# Does this place seem legit?



## Mecha (Feb 5, 2007)

http://www.lakewoodma.com/

Yes, it does say 'Ninjitsu' in one place, but im assuming that was the web designers fault, the guy seems pretty legitment.

there is list of ninjutsu teachers at this particular place, a few of which are japanese, ill post the names when i get the list on tuesday.


thanks


----------



## Blindside (Feb 5, 2007)

Well, for a school that teaches shotokan/aikido/ninjutsu there sure seems to be alot of guys in Tae Kwon Do uniforms on the website.  Nothing strikes me as absurd, but nothing strikes me as being anything beyond a run of the mill commercial school.  Training times are short, do you learn both Shotokan AND Ninjutsu between 7 and 8?  And the way they teach how to do a sidekick is a great way to sprain your ankle.... badly.

On the other hand appearance can be deceiving, the whole ninja thing ya know.

Lamont


----------



## Mecha (Feb 5, 2007)

Blindside said:


> Well, for a school that teaches shotokan/aikido/ninjutsu there sure seems to be alot of guys in Tae Kwon Do uniforms on the website.  Nothing strikes me as absurd, but nothing strikes me as being anything beyond a run of the mill commercial school.  Training times are short, do you learn both Shotokan AND Ninjutsu between 7 and 8?  And the way they teach how to do a sidekick is a great way to sprain your ankle.... badly.
> 
> On the other hand appearance can be deceiving, the whole ninja thing ya know.
> 
> Lamont



he said that he likes karate or TKD uniforms because they are easier to train in, or something.

he works with two classes from 7-8, apperently he would do karate for an hour, and ninjutsu for an hour, but both the classes were small, so he cross trains them, like warming up together, learning some basics, but he will break us into nin/karate groups for most of the class.

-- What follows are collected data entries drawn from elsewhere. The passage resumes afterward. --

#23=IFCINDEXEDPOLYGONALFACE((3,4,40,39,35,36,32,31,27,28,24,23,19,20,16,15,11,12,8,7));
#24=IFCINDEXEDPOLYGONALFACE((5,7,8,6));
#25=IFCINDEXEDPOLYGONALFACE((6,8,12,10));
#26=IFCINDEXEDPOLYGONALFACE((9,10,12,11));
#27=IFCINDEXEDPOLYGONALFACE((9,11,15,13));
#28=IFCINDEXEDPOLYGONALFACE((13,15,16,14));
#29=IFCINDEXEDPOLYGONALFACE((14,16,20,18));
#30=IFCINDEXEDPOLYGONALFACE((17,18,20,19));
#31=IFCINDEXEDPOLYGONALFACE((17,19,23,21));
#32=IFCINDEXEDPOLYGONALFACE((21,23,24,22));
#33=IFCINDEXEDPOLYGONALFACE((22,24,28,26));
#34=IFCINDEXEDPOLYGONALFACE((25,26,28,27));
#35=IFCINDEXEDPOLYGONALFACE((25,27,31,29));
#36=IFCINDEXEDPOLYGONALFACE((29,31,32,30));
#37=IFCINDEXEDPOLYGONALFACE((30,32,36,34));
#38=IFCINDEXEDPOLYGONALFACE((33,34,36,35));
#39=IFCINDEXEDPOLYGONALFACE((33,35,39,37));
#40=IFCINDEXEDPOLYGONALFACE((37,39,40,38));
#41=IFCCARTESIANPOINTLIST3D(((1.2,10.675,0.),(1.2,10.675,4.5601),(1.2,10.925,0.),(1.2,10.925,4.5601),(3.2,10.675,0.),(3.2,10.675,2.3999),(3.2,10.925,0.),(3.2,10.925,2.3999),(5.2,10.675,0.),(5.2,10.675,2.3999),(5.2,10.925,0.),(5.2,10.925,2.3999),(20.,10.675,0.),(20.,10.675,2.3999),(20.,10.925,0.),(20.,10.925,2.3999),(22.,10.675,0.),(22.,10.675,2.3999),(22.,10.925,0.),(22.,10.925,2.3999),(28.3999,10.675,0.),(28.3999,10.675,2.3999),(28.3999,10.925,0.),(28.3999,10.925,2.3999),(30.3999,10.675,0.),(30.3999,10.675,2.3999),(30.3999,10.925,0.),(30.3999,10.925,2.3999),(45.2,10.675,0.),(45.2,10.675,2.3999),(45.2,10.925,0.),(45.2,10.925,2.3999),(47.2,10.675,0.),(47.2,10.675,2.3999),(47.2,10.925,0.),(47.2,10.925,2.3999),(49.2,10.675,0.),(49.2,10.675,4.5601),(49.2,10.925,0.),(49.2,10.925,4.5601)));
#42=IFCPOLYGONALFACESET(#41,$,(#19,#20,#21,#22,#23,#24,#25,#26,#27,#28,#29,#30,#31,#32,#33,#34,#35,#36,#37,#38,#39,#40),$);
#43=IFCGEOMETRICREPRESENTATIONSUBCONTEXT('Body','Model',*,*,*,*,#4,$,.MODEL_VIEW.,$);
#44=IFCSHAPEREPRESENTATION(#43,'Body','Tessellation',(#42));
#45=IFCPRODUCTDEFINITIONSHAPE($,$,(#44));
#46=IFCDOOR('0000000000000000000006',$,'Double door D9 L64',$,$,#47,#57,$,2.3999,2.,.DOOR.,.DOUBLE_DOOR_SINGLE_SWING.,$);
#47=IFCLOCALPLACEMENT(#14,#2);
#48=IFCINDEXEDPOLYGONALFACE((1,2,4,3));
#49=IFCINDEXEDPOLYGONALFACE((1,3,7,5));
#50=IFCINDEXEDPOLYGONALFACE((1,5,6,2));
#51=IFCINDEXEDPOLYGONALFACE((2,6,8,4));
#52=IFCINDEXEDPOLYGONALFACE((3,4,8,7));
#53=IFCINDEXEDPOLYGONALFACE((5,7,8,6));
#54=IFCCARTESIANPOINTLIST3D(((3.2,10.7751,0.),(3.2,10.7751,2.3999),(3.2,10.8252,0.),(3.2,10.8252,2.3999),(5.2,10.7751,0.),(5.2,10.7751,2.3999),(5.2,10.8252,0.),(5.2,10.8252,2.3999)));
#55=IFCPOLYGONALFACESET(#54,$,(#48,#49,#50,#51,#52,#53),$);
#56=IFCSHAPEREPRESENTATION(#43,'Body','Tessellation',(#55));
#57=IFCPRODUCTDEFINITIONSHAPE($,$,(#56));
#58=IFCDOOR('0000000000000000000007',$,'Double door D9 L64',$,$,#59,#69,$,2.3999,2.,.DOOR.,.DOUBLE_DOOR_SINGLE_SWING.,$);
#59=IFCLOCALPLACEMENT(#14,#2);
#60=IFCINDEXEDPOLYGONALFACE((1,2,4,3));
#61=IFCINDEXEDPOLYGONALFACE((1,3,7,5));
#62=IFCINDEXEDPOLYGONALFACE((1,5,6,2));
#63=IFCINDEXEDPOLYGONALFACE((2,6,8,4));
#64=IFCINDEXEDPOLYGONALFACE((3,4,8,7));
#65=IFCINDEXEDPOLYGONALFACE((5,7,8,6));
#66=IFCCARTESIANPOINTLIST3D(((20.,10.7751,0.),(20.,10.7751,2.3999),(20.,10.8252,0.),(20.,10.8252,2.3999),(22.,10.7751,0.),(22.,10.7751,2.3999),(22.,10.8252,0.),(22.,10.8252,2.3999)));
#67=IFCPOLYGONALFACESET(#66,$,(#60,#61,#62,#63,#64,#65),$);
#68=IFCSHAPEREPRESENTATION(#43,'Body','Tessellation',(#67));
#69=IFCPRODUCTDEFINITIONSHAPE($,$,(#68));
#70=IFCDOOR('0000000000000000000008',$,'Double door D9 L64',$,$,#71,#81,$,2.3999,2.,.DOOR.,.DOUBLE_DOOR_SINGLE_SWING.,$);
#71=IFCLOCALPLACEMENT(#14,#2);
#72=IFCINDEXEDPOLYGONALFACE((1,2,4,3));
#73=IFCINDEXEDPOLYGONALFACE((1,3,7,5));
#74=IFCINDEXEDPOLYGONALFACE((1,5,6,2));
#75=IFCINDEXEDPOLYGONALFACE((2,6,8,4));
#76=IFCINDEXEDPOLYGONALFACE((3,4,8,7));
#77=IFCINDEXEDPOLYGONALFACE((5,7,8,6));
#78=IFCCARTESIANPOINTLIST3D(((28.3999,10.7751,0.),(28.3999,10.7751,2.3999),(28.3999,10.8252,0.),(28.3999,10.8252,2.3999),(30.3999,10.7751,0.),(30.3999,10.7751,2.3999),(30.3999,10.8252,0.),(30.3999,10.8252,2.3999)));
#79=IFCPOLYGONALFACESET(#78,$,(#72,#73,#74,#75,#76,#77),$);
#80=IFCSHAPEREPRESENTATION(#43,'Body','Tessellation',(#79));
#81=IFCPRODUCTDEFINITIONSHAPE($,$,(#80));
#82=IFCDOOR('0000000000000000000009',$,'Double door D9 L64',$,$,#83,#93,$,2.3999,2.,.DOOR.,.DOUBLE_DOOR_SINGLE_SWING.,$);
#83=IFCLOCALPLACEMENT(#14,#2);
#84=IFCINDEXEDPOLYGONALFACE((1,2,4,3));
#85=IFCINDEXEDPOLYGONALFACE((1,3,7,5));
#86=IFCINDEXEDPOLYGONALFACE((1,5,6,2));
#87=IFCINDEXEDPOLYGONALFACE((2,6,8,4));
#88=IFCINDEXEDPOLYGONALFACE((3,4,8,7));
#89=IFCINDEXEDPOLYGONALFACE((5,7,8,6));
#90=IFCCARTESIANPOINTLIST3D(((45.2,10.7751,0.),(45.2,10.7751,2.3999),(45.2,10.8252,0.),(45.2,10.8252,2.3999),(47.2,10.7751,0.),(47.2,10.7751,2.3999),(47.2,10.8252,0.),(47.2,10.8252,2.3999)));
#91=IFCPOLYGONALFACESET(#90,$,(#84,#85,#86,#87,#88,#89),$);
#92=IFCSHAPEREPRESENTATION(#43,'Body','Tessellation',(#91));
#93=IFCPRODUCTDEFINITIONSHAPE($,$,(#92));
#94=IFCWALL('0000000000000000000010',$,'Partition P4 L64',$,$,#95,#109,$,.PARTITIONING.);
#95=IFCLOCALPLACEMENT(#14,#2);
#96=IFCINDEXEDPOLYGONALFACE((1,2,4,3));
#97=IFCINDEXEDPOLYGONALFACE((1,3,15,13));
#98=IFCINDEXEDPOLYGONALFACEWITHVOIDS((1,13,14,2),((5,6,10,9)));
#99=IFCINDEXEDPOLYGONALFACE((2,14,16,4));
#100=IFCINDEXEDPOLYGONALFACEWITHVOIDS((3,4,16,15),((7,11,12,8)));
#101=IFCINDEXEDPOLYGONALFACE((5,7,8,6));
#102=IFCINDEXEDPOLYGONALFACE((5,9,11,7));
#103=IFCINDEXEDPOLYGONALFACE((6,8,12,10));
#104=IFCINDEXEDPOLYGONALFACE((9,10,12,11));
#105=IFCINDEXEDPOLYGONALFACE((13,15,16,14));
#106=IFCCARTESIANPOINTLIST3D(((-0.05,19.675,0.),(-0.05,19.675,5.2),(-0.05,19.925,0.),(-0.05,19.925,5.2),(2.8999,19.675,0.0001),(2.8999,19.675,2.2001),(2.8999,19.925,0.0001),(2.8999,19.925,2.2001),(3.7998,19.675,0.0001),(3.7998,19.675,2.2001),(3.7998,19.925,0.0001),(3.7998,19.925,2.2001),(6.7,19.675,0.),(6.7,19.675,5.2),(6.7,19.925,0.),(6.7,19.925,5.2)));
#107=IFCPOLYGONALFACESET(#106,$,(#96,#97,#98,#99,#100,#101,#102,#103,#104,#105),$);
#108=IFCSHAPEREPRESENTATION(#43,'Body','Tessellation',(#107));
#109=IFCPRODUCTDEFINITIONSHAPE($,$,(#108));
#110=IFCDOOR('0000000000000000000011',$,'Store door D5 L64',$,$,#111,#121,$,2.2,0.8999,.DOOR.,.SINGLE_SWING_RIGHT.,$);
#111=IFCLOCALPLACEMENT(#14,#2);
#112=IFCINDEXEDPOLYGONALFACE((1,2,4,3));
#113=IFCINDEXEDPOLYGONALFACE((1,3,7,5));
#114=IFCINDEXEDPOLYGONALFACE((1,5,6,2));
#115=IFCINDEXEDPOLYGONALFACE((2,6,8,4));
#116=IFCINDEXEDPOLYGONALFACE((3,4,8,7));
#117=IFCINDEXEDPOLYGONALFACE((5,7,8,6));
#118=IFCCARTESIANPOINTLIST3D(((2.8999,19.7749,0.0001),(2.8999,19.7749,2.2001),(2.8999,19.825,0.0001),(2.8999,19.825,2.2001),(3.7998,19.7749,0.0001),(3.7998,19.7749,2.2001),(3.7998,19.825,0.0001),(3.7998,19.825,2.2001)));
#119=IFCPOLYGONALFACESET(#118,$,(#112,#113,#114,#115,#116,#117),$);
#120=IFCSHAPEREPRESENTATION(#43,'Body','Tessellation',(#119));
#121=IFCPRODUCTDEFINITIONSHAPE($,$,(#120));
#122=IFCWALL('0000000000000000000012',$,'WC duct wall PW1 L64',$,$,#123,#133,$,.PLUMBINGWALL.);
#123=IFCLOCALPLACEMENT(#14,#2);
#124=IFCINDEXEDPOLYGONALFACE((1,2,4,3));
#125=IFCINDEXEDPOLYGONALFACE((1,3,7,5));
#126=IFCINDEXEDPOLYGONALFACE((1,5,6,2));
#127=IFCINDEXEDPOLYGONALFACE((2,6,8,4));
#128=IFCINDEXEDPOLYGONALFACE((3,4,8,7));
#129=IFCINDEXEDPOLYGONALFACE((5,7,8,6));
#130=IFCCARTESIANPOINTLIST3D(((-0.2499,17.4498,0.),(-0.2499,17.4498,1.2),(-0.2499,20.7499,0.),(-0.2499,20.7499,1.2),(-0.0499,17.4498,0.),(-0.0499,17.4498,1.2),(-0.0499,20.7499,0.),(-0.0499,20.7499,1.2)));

as for pics, alot of the kids just dont listen to what he says, because they are kids.  some of the older people are stubborn in their ways and like to do their own things, but he is a good teacher in general.


----------



## Grey Eyed Bandit (Feb 5, 2007)

"Our sensei has been teaching martial arts for  over 9 years and is a Nidan (2nd degree black belt) in Shotokan Karate and Koga Ryu Ninjutsu,"

Stay away.


----------



## Mecha (Feb 5, 2007)

> Stay away.



why?


----------



## ArmorOfGod (Feb 5, 2007)

Nimravus said:


> Stay away.


 
Why?

AoG


----------



## ArmorOfGod (Feb 5, 2007)

I looked at the website and he needs to get a different web designer.  Those pics of tkd fighters are obviously generic clipart like the kinds you see at www.martialsites.com

AoG


----------



## jks9199 (Feb 5, 2007)

Nimravus said:


> "Our sensei has been teaching martial arts for  over 9 years and is a Nidan (2nd degree black belt) in Shotokan Karate and Koga Ryu Ninjutsu,"
> 
> Stay away.





Mecha said:


> why?



That was about my opinion, too.

Your instructor has been teaching for 9 years, but is relatively low ranked in 3 arts and one questionable art.  Either he's hopscotching around, or he hasn't continued his own training as he teaches.  Black belt ranking alone isn't necessarily an indication of teaching credentials; in many traditional Japanese arts, a teaching license is separate from a black belt.  But I simply have to wonder based on his credentials as they're stated.

I'm not suggesting he's not a good teacher, or doesn't work well with kids, or even that he's not the victim of a fraudulent teacher on the Koga ninjutsu.  But he's not winning me over, either...

And the idea of simultaneously conducting two different classes is a little unrealistic to me, as well...

I'd be one of the last to suggest that simply because an art isn't well known, or an instructor or lineage isn't well known, that there's something wrong.  My own style is little-known, and my instructor is almost unknown today outside of our own style.  But it can be verified (with hunting and with the understanding that there's some controversy), there's an entire association with a verifiable history, and he's never presented it as something other than what it is.  Nor am I trying to say that only high-ranks matter; I'm "only" a second-level myself despite training for more than 20 years.  I simply haven't chosen to take part in the testing process for something like 7 or 8 years, for my own reasons.  People it's pertinent to know why -- and I still maintain my membership in the association and actively participate in it's training activities.  Can you say the same about your instructor?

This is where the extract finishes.